Calling the function created above for several ``reg_param`` values find the best regularization parameter.

In [30]:
for reg_param in [0.01, 0.05]:#, 0.1, 0.15, 0.25]:
    train_model(reg_param)

regParam=0.01, RMSE=0.83
regParam=0.05, RMSE=0.81


## QUESTION 4

With your best regParam try using the `implicitPrefs` flag.

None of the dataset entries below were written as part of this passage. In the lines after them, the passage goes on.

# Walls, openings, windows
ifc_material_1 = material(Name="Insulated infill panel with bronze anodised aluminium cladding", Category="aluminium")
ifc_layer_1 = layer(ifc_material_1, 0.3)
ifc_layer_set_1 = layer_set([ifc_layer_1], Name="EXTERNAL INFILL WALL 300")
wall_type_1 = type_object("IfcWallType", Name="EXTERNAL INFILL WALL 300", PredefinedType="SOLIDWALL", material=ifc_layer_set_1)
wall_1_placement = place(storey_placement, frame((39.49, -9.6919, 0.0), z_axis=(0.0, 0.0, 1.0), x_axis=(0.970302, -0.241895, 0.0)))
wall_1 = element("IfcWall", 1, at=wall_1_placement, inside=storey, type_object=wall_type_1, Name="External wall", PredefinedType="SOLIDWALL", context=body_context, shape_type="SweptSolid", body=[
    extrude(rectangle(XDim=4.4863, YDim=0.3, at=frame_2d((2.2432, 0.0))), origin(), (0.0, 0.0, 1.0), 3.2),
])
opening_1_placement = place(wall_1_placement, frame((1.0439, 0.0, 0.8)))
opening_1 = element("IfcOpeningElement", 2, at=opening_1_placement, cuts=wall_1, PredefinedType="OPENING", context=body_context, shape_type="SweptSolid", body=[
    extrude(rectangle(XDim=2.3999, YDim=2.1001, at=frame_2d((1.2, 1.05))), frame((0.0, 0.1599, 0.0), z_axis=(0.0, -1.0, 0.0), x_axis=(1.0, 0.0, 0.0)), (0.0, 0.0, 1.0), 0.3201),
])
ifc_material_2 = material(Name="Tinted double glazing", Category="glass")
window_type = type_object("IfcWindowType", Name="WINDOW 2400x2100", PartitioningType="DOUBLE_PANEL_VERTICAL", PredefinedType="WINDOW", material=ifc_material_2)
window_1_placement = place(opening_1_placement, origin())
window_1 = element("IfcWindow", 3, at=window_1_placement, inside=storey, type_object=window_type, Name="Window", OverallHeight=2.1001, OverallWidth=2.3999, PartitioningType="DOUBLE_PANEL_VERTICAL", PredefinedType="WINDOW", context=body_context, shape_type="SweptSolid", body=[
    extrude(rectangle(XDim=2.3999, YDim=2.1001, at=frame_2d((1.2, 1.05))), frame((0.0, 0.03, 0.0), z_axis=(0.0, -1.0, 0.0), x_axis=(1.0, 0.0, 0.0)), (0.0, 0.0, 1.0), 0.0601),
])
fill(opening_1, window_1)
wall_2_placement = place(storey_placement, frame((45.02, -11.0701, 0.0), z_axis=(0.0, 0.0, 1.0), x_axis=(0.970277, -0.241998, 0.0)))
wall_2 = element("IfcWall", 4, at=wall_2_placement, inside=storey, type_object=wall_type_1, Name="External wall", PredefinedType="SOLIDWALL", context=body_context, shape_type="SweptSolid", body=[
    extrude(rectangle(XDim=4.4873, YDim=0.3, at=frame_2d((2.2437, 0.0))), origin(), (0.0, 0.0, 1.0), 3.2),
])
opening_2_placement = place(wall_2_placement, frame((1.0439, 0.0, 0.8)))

>Note that the results here make sense because the data are `explicit` ratings

In [31]:
## YOUR CODE HERE
als = ALS(regParam= 0.05, userCol="user_id", itemCol="movie_id", ratingCol="rating",
          coldStartStrategy="drop", implicitPrefs  = True)
model = als.fit(training)

predictions = model.transform(test)
evaluator = RegressionEvaluator(metricName="rmse", labelCol="rating",
                            predictionCol="prediction")

rmse = evaluator.evaluate(predictions)
print("regParam={}, RMSE={}".format(reg_param, np.round(rmse, 2)))

regParam=0.05, RMSE=3.25


## QUESTION 5

Retrain the model with your best ``reg_param`` and ``implicit_prefs`` on the entire dataset and save the trained model in the SAVE_DIR directory.

In [35]:
## YOUR CODE HERE (Replace the symbole #<> with your code)

### re-train using the whole data set
#print("...training")
#als = #<>
#model = als.fit(#<>)
    
## save model
print("...saving als model")
model.save(SAVE_DIR + '/model_1')
print("done.")

...saving als model
done.


## QUESTION 6

We now want to use ``spark-submit`` to load the model and demonstrate that you can load the model and interface with it.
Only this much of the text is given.